I think I just got called out


Bring one of the 545 sides, I still want it. And let me know so we can fish together...maybe I can show YOU something for a change


----------



## Black Beard (Jan 25, 2001)

barty b said:


> I think I just got called out
> 
> 
> Bring one of the 545 sides, I still want it. And let me know so we can fish together...maybe I can show YOU something for a change



Dream on Dude!!!! LMAO

One is in the bag


----------



## Sea Level (Nov 20, 2005)

Black Beard said:


> Yep, just found two that will fit a 555 and 545, you will need to swap the clicker over, otherwise it's a straight swap.
> 
> I will be over in mid November, if you want 'em send an e mail.
> 
> ...


Neil,

I'll take the 555 endplate. I tried sending an e-mail to that effect earlier this afternoon, along with some other thoughts. That was the first message -- you responded to the second I sent.
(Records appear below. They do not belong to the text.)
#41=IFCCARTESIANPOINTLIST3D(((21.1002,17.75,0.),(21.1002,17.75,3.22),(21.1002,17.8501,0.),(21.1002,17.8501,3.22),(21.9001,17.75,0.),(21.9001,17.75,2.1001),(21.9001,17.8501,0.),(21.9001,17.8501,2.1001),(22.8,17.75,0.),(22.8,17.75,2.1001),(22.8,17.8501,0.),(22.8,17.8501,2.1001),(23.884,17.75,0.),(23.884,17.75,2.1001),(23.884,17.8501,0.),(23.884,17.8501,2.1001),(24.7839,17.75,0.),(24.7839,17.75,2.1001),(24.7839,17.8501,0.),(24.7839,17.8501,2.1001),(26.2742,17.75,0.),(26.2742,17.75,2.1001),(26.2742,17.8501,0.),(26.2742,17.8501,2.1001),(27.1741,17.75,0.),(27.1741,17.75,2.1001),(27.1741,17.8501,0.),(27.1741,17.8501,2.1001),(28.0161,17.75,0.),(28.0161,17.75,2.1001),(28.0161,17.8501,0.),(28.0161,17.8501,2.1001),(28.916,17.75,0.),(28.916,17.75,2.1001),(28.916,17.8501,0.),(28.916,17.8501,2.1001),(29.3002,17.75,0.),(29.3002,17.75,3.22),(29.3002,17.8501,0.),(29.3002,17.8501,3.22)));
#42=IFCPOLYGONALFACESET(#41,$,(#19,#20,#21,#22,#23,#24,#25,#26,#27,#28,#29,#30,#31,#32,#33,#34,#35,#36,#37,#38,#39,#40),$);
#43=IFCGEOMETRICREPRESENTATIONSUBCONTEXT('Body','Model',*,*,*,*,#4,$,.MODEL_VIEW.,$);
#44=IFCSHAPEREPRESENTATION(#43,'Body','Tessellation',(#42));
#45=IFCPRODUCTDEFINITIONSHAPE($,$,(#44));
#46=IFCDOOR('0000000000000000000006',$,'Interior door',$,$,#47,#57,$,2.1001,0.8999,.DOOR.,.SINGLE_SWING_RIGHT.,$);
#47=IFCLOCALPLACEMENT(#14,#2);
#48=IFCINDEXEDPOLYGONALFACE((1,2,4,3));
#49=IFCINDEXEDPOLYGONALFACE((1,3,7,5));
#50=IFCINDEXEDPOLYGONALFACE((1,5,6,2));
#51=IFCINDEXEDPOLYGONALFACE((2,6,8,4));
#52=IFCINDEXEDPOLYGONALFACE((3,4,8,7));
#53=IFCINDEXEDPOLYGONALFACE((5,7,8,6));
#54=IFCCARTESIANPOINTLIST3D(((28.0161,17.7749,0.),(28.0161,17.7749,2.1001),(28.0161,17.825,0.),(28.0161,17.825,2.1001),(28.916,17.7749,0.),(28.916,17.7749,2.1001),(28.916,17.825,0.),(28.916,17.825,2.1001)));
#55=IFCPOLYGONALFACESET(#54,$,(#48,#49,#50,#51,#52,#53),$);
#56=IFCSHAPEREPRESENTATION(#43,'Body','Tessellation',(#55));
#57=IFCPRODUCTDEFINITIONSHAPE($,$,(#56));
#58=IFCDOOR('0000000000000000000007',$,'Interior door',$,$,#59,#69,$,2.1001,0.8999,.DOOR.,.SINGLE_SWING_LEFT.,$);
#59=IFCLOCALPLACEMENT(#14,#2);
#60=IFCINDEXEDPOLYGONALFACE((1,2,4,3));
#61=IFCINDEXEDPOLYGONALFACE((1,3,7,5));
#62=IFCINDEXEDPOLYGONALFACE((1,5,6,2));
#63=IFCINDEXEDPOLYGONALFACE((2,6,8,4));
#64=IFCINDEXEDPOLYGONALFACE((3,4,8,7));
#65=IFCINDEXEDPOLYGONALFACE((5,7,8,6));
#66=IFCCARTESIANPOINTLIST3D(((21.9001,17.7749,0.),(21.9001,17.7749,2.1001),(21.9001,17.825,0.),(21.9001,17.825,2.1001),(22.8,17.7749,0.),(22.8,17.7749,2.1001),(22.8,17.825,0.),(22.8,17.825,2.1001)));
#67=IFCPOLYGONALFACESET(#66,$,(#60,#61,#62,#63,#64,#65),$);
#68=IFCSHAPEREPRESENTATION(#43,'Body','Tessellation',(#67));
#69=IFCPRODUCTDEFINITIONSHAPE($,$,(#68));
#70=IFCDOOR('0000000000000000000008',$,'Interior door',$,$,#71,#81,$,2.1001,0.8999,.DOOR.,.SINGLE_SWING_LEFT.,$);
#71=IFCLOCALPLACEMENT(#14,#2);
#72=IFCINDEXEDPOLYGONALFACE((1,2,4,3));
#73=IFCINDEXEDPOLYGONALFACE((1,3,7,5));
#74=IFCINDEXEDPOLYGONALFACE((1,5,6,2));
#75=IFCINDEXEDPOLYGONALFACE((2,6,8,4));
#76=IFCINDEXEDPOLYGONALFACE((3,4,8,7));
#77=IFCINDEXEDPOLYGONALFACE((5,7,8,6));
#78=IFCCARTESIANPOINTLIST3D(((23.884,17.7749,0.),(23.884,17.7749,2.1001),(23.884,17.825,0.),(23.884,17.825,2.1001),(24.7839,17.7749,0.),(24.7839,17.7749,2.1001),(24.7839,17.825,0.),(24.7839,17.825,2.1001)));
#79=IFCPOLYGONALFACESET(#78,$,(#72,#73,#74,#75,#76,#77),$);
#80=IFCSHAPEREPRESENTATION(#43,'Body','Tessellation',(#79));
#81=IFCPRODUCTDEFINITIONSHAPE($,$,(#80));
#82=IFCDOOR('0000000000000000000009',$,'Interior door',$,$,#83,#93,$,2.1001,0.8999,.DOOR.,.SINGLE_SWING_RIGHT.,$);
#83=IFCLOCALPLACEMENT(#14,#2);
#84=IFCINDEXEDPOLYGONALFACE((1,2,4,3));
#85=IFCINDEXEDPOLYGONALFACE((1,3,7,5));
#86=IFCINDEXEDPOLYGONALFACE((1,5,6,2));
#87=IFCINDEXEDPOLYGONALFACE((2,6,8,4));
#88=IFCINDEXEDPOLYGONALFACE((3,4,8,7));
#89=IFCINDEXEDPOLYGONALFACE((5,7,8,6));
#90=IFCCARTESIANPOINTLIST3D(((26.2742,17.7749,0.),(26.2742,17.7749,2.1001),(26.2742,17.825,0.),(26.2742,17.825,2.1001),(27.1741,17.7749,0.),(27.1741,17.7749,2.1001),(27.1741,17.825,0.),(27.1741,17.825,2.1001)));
Also if you have an end plate for a 525 knobby I would be most appreciative as well. 

I predict the fishing will be top drawer during your stay.

Cheers,
Jeff


----------



## barty b (Dec 31, 2004)

Black Beard said:


> Dream on Dude!!!! LMAO


I think I've been called out TWICE! 

Most definately, I see one helluva weekend coming...Fishing on saturday, Casting on Sunday!

:beer:CANT WAIT!


----------



## RockhopperUK (Jul 13, 2005)

barty b said:


> I think I've been called out TWICE!
> 
> Most definately, I see one helluva weekend coming...Fishing on saturday, Casting on Sunday!
> 
> :beer:CANT WAIT!


Doctors on Monday

Tom.


----------



## allaroundfishin (May 13, 2006)

Hey barty, you know we got your back bro.


----------



## barty b (Dec 31, 2004)

Thanks allaround..But when it comes to the field and one of "The Drill Sargents" casting sessions, you better have thick skin. He will take everything you THINK you know about distance casting,chew it up,rip your head off and puke it down your neck hole!  It's great fun. No, Seriously,Neil is a wonderful instructor and his love of the sport and willingness to help others better themselves at it is truly admirable. We always have a good time even though he spanks our asses relentlessly.


----------



## Lip Ripper (Dec 8, 2003)

Railroader said:


> Not hard to do at all, I did my 545 in about 10 minutes, and it made it VERY castable. Problem is gonna be finding the parts...Very worthwhile mod if you can get it together.


where did you find your parts? i tried BB but i guess i was too late. i have searched all over the internet, but i dont even know what the parts would be called?


----------



## Black Beard (Jan 25, 2001)

barty b said:


> Thanks allaround..But when it comes to the field and one of "The Drill Sargents" casting sessions, you better have thick skin. He will take everything you THINK you know about distance casting,chew it up,rip your head off and puke it down your neck hole!  It's great fun. No, Seriously,Neil is a wonderful instructor and his love of the sport and willingness to help others better themselves at it is truly admirable. We always have a good time even though he spanks our asses relentlessly.


Barty

Don't think a little sweet talk is gonna save your sorry A$$.

Oh hell, I am really looking forward to this years trip, so much canon fodder, so many opportunities........

The Drill Sergeant!


----------



## eric (Oct 24, 2007)

the room is getting smaller. and i feel the tension. where is everyone gonna go play this 'trip' ?


----------



## barty b (Dec 31, 2004)

ooeric said:


> the room is getting smaller. and i feel the tension. where is everyone gonna go play this 'trip' ?


Huh?


----------